By comparing the chemicals produced by these strains with known RIPP construction blocks, the researchers identified A. Flavus as a promising candidate for a more in -depth study.

Genetic analysis highlighted a particular protein in A. Flavus as a source of fungal ripps. When the researchers overturned the genes that create this protein, the chemical markers indicating the presence of RIPP have also disappeared.

This new approach – combining metabolic and genetic information – has not only identified the source of fungal Ripps at A. Flavus, but could be used to find more fungal ripps in the future.

A new powerful drug

After having purified four different Ripp, the researchers discovered that the molecules shared a unique structure of nested rings. The researchers appointed these molecules, which were never described previously, after the fungus in which they were found: asperigimycins.

Even without modification, when mixed with human cancer cells, aspérigimycins have demonstrated a medical potential: two of the four variants have had powerful effects against leukemic cells.
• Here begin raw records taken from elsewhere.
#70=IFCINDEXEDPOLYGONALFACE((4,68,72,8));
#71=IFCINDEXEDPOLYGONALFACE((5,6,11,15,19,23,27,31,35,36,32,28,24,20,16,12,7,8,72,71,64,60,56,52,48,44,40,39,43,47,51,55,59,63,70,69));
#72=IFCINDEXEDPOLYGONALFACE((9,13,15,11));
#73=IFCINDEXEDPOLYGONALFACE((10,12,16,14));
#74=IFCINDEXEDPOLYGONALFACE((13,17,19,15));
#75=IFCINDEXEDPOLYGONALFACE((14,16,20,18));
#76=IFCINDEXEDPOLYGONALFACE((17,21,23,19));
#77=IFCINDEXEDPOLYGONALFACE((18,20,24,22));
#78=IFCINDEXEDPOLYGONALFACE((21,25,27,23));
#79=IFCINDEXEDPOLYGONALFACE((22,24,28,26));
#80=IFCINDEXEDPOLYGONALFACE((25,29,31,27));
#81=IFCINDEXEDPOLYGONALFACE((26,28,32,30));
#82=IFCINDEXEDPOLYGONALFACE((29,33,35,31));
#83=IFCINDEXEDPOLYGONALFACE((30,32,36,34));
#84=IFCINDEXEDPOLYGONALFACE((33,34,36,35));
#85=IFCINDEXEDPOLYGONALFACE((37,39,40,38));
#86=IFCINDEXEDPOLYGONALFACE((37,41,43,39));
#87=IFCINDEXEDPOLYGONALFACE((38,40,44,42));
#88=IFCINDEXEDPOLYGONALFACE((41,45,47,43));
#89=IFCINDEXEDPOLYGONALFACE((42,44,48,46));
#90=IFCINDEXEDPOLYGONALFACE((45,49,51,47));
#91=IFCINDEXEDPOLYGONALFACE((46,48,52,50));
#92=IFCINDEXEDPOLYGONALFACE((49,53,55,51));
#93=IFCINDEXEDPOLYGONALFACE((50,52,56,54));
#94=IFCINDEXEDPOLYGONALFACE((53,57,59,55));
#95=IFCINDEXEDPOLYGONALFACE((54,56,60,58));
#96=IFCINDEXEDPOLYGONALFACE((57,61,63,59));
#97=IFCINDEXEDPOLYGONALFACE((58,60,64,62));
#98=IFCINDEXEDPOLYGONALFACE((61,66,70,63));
Another variant, to which the researchers added a lipid or greasy molecule, which is also in the royal jelly which nourishes the developing bees, carried out as well as the cytarabine and the Daunorubicin, two drugs approved by the FDA which have been used for decades to treat leukemia.

Cracking the cell entry code

To understand why lipids have improved the power of aspérigimycins, researchers have selectively activated and disabled genes in leukemic cells. A gene, SLC46A3, proved to be critical to allow aspérigimycins to enter leukemia cells in sufficient number.

This gene helps materials to leave lysosomes, the tiny bags that collect foreign materials entering human cells. “This gene acts like a bridge,” said Nie. “It does not only help asperigimycins to get into cells, it can also allow other” cyclical peptides “to do the same.”

Like aspérigimycins, these chemicals have medicinal properties – in fact that two dozen cyclical peptides have received clinical approval since 2000 to treat such varied diseases such as cancer and lupus, but many of them need modifications to enter the cells in sufficient quantities.

“Knowing that lipids can affect the way this gene transports chemicals in cells gives us another drug development tool,” said NIE.

Disturb the cell division

Thanks to a new experiment, the researchers have found that Asperigimycins probably disrupt the cellular division process. “The cancer cells are divided uncontrollable,” explains Gao. “These compounds block the formation of microtubules, which are essential for cell division.”

In particular, the compounds have had little or no effect on cancer cells in breast, liver or lung – or a range of bacteria and fungi – suggesting that the disturbing effects of asperigimycins are specific to certain types of cells, a critical characteristic for any future medication.

Future directions

In addition to demonstrating the medical potential of asperigimycins, the researchers have identified similar bunches of genes in other fungi, which suggests that more fungal ripps remain to be discovered. “Even if only a few have been found, almost all have strong bioactivity,” said Nie. “This is an unexplored region with enormous potential.”

The next step is to test asperigimycins in animal models, with the hope of one day spending human clinical trials. “Nature gave us this incredible pharmacy,” explains Gao. “It is up to us to discover its secrets. As an engineers, we are delighted to continue to explore, learn from nature and use this knowledge to design better solutions.”